One instance of "org.apache.coyote.http11.Http11NioProtocol$Http11ConnectionHandler" loaded by "java.net.URLClassLoader @ 0xe5613ed8" occupies 101,526,264 (48.71%) bytes. The memory is accumulated in one instance of "java.util.concurrent.ConcurrentHashMap$Node[]" loaded by "<system class loader>".

Keywords
java.util.concurrent.ConcurrentHashMap$Node[]
org.apache.coyote.http11.Http11NioProtocol$Http11ConnectionHandler
java.net.URLClassLoader @ 0xe5613ed8


in a few days it is going to occupy 99.99% of the memory.

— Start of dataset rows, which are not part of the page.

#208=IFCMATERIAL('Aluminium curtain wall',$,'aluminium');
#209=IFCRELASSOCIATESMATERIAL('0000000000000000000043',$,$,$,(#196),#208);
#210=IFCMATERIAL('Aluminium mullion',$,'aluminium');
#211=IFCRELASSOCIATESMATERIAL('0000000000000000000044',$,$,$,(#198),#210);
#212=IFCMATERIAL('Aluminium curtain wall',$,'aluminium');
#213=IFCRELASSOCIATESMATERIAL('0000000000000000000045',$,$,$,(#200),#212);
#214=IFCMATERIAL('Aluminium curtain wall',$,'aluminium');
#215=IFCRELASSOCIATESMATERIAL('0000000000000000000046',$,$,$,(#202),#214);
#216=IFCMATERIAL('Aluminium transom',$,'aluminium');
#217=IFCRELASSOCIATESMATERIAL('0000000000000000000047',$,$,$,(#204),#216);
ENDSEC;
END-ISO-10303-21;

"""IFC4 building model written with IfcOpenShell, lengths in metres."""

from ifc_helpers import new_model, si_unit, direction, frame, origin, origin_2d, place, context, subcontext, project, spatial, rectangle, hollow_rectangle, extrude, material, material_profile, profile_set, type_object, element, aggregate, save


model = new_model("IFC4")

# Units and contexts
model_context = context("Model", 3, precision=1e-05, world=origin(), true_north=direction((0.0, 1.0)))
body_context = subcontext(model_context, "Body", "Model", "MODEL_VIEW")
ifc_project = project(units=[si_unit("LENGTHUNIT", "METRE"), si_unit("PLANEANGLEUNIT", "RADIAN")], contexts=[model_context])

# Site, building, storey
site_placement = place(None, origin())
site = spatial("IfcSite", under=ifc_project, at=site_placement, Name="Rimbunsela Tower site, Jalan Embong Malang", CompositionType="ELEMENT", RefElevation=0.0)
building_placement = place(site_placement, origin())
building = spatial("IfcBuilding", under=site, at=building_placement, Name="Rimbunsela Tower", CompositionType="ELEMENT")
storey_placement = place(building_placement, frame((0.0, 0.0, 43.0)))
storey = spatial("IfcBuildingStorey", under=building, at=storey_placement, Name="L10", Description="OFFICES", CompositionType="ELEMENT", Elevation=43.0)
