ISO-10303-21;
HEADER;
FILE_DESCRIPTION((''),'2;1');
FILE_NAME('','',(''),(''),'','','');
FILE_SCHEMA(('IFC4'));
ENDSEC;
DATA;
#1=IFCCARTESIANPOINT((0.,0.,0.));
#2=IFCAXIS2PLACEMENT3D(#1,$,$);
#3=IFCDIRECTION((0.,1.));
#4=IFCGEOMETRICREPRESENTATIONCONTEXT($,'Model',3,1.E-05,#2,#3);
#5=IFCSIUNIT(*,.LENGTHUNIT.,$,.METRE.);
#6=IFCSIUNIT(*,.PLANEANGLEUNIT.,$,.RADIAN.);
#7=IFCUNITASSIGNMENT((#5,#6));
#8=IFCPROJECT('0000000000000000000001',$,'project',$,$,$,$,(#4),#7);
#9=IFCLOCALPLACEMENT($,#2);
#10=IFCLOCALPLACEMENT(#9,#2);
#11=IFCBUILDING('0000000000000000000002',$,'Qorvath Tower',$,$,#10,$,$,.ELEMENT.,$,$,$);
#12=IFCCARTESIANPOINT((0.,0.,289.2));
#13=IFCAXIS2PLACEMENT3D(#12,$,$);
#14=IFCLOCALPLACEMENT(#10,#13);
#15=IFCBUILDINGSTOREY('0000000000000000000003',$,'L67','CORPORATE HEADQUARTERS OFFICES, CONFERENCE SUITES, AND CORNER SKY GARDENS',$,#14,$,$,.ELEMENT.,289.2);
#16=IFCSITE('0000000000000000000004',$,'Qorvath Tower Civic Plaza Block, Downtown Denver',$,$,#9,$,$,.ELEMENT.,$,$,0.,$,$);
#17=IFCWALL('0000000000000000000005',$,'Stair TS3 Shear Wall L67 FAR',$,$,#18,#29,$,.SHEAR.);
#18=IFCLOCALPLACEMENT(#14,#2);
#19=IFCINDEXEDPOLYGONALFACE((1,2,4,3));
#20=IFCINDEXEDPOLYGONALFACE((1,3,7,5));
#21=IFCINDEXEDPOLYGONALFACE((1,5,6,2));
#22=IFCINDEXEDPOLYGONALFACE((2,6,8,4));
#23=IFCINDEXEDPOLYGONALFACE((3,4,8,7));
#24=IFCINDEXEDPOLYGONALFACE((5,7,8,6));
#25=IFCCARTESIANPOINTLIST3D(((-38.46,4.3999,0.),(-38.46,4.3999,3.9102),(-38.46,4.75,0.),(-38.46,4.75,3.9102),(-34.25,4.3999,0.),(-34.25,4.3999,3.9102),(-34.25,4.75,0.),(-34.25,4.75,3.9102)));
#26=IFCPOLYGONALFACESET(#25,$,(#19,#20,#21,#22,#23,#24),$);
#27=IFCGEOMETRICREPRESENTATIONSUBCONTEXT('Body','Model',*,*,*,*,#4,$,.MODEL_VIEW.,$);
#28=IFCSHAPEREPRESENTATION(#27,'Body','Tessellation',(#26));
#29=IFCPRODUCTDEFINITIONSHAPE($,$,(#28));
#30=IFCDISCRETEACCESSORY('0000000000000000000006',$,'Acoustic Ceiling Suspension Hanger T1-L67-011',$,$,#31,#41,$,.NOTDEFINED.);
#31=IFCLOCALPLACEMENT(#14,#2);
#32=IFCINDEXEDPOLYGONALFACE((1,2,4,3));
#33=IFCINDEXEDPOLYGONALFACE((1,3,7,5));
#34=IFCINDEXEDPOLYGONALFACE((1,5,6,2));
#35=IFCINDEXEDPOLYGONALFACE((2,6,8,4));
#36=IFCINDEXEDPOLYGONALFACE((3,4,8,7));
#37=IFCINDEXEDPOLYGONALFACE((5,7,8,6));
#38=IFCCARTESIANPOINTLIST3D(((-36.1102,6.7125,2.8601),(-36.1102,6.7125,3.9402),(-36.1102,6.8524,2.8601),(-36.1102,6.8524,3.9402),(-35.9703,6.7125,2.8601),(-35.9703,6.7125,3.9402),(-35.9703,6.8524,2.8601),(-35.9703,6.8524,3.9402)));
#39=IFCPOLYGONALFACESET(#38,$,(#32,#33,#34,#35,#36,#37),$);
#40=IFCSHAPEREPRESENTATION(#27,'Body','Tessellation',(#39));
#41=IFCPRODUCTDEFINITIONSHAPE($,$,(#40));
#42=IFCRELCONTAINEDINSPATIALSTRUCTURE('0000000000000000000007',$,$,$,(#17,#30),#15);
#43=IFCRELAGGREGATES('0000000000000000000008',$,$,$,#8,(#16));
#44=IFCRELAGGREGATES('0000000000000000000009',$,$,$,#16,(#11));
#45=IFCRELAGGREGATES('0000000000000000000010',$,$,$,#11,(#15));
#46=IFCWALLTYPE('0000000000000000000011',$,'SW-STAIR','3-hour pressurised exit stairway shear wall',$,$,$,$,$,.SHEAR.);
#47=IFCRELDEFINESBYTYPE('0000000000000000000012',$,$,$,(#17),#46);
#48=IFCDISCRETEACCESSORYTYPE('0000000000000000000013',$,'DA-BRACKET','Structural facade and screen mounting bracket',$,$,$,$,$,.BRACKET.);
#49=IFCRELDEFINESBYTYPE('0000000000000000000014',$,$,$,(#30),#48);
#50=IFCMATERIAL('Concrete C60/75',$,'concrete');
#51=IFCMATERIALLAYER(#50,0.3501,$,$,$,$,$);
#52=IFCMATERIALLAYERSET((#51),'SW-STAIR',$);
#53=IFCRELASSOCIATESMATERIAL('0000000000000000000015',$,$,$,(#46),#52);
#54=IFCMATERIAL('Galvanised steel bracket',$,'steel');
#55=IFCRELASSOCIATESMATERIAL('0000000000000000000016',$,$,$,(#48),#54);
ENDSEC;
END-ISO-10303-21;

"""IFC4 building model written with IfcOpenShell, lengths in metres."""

from ifc_helpers import new_model, si_unit, direction, frame, frame_2d, origin, origin_2d, place, context, subcontext, project, spatial, rectangle, extrude, material, layer, layer_set, type_object, element, save


model = new_model("IFC4")

# Units and contexts
model_context = context("Model", 3, precision=1e-05, world=origin(), true_north=direction((0.0, 1.0)))
body_context = subcontext(model_context, "Body", "Model", "MODEL_VIEW")
ifc_project = project(units=[si_unit("LENGTHUNIT", "METRE"), si_unit("PLANEANGLEUNIT", "RADIAN")], contexts=[model_context])

# Site, building, storey
site_placement = place(None, origin())
site = spatial("IfcSite", under=ifc_project, at=site_placement, Name="Qorvath Tower Civic Plaza Block, Downtown Denver", CompositionType="ELEMENT", RefElevation=0.0)
building_placement = place(site_placement, origin())
building = spatial("IfcBuilding", under=site, at=building_placement, Name="Qorvath Tower", CompositionType="ELEMENT")
storey_placement = place(building_placement, frame((0.0, 0.0, 289.2)))
storey = spatial("IfcBuildingStorey", under=building, at=storey_placement, Name="L67", Description="CORPORATE HEADQUARTERS OFFICES, CONFERENCE SUITES, AND CORNER SKY GARDENS", CompositionType="ELEMENT", Elevation=289.2)

# Wall
ifc_material_1 = material(Name="Concrete C60/75", Category="concrete")
ifc_layer_1 = layer(ifc_material_1, 0.3501)
ifc_layer_set_1 = layer_set([ifc_layer_1], Name="SW-STAIR")
wall_type_1 = type_object("IfcWallType", Name="SW-STAIR", Description="3-hour pressurised exit stairway shear wall", PredefinedType="SHEAR", material=ifc_layer_set_1)
wall_1_placement = place(storey_placement, frame((-34.25, 4.575, 0.0), z_axis=(0.0, 0.0, 1.0), x_axis=(-1.0, 0.0, 0.0)))
element("IfcWall", 1, at=wall_1_placement, inside=storey, type_object=wall_type_1, Name="Stair TS3 Shear Wall L67 FAR", PredefinedType="SHEAR", context=body_context, shape_type="SweptSolid", body=[
    extrude(rectangle(XDim=4.21, YDim=0.3501, at=frame_2d((2.105, 0.0))), origin(), (0.0, 0.0, 1.0), 3.9102),
])

# Discrete accessory
ifc_material_2 = material(Name="Galvanised steel bracket", Category="steel")
discrete_accessory_type = type_object("IfcDiscreteAccessoryType", Name="DA-BRACKET", Description="Structural facade and screen mounting bracket", PredefinedType="BRACKET", material=ifc_material_2)
discrete_accessory_placement = place(storey_placement, frame((-36.0403, 6.7825, 2.8601), z_axis=(0.0, 0.0, 1.0), x_axis=(1.0, 0.0, 0.0)))
element("IfcDiscreteAccessory", 2, at=discrete_accessory_placement, inside=storey, type_object=discrete_accessory_type, Name="Acoustic Ceiling Suspension Hanger T1-L67-011", PredefinedType="NOTDEFINED", context=body_context, shape_type="SweptSolid", body=[
    extrude(rectangle(XDim=0.1399, YDim=0.1399, at=origin_2d()), origin(), (0.0, 0.0, 1.0), 1.0801),
])

save(model, "model.ifc")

Do you need more info ? ... i don't know how to reproduce it ...
I was using tomcat 8.0.12 a few month ago, i don't remember if it was also happening ... i am going to try it out next restart ...

Cheers
Comment 17 Mark Thomas 2016-04-03 18:37:23 UTC
(In reply to chinanzio from comment #16)

This bug has been fixed.

There is nothing in comment #16 that suggests that you are seeing the same bug. To repeat earlier advice:

Please open a new bug. As with any bug, you'll need to provide the steps to reproduce the issue on a clean install of the latest stable release of the version (8.0.x in this case) where you see the issue.